Depth map compression is important for efficient network transmission of 3D visual data in texture-plus-depth format, where the observer can synthesize an image of a freely chosen viewpoint via depth-image-based rendering (DIBR) using received neighboring texture and depth maps as anchors. Unlike texture maps, depth maps exhibit unique characteristics like smooth interior surfaces and sharp edges that can be exploited for coding gain. In this paper, we propose a multi-resolution approach to depth map compression using previously proposed graph-based transform (GBT). The key idea is to treat smooth surfaces and sharp edges of large code blocks separately and encode them in different resolutions: encode edges in original high resolution (HR) to preserve sharpness, and encode smooth surfaces in low-pass-filtered and down-sampled low resolution (LR) to save coding bits. Because GBT does not filter across edges, it produces small or zero high-frequency components when coding smooth-surface depth maps and leads to a compact representation in the transform domain.

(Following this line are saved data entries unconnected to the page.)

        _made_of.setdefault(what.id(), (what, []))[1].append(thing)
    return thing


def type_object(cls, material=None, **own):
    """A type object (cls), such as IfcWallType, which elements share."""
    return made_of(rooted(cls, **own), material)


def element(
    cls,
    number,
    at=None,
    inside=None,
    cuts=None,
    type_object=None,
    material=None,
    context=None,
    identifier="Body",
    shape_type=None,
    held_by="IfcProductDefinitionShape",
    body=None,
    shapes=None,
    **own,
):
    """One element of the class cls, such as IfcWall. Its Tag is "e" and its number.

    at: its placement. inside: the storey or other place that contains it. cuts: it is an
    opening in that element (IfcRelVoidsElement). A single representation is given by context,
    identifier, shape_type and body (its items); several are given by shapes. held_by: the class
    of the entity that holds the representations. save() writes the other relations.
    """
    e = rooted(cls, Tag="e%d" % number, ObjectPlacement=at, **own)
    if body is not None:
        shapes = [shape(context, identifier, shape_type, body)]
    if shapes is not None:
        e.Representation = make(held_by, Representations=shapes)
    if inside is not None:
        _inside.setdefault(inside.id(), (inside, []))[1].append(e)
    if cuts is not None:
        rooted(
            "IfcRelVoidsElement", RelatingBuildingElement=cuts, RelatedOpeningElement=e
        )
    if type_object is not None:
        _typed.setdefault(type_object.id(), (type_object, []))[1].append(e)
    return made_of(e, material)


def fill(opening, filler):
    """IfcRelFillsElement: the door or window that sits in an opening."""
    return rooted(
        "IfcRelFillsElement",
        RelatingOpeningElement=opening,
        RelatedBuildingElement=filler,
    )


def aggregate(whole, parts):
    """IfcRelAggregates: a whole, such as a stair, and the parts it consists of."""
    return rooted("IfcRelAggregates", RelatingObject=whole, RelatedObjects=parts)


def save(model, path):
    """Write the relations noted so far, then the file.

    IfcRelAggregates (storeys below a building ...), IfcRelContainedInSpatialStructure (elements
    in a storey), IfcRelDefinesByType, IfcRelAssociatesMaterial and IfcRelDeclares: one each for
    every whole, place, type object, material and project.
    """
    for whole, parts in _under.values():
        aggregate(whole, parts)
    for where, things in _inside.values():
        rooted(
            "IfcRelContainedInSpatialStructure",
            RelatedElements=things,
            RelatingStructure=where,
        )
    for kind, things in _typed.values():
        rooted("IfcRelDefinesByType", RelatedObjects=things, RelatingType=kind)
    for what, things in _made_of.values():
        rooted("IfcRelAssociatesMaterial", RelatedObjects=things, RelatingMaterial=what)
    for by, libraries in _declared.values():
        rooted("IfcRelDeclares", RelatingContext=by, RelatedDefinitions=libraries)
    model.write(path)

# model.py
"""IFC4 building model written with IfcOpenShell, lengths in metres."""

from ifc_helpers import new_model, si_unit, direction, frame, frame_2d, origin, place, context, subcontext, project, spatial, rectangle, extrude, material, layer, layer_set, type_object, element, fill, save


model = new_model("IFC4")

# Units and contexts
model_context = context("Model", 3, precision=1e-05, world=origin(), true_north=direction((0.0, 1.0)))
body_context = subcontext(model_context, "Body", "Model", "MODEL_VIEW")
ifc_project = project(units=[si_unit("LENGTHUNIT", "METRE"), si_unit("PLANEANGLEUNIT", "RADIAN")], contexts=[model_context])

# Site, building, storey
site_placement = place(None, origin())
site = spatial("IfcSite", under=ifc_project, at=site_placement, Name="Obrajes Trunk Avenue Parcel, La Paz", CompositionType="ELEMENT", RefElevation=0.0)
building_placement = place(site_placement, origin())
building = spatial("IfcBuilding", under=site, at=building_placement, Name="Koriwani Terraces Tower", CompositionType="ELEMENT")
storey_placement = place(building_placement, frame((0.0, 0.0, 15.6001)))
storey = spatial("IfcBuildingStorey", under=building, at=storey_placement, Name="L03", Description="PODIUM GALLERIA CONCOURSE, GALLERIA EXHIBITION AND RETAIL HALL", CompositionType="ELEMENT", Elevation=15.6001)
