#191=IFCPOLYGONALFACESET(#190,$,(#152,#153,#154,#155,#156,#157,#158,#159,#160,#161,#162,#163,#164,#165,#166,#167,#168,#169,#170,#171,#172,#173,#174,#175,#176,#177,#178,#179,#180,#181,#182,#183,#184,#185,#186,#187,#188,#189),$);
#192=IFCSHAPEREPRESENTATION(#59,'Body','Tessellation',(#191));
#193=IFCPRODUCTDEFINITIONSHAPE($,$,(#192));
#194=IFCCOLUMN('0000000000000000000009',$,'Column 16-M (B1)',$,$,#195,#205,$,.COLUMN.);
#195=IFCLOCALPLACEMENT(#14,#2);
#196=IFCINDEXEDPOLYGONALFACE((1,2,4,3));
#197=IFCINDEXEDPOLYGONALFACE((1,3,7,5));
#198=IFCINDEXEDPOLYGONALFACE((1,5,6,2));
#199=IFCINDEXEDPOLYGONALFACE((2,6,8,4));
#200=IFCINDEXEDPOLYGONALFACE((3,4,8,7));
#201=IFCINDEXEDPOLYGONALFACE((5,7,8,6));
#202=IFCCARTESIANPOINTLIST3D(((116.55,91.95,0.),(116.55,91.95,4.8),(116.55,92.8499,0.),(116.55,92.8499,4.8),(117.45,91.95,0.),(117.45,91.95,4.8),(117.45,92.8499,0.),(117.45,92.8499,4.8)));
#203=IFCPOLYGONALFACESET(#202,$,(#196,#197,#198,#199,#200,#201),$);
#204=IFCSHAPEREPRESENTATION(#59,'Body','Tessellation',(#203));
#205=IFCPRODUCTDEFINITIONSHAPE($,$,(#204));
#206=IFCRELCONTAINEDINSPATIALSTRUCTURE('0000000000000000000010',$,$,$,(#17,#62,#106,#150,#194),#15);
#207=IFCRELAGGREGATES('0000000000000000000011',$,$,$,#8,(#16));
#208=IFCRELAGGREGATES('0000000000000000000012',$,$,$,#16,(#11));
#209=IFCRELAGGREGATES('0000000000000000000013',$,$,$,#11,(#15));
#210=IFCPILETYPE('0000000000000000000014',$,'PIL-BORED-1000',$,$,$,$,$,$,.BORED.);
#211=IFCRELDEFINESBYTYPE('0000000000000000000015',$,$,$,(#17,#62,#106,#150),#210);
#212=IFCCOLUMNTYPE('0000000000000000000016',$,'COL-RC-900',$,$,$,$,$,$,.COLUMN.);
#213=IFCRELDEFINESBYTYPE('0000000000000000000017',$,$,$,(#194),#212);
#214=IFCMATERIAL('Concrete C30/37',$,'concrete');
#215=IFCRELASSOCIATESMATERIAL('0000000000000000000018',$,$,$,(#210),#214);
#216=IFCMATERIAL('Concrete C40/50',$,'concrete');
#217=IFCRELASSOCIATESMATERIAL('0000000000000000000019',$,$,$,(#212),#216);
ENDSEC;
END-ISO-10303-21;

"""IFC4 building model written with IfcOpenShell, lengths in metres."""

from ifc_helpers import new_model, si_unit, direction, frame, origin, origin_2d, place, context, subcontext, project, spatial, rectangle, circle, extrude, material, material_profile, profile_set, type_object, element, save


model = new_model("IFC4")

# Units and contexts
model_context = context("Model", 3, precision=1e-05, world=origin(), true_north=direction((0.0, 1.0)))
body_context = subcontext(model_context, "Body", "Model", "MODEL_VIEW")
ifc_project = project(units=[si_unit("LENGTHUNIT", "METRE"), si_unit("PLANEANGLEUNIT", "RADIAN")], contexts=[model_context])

By encoding down-sampled surface regions in LR GBT, we achieve representation compactness for a large block without the high computation complexity associated with an adaptive large-block GBT. At the decoder, encoded LR surfaces are up-sampled and interpolated while preserving encoded HR edges. Experimental results show that our proposed multi-resolution approach using GBT reduced bitrate by 68% compared to native H.264 intra with DCT encoding original HR depth maps, and by 55% compared to single-resolution GBT encoding small blocks.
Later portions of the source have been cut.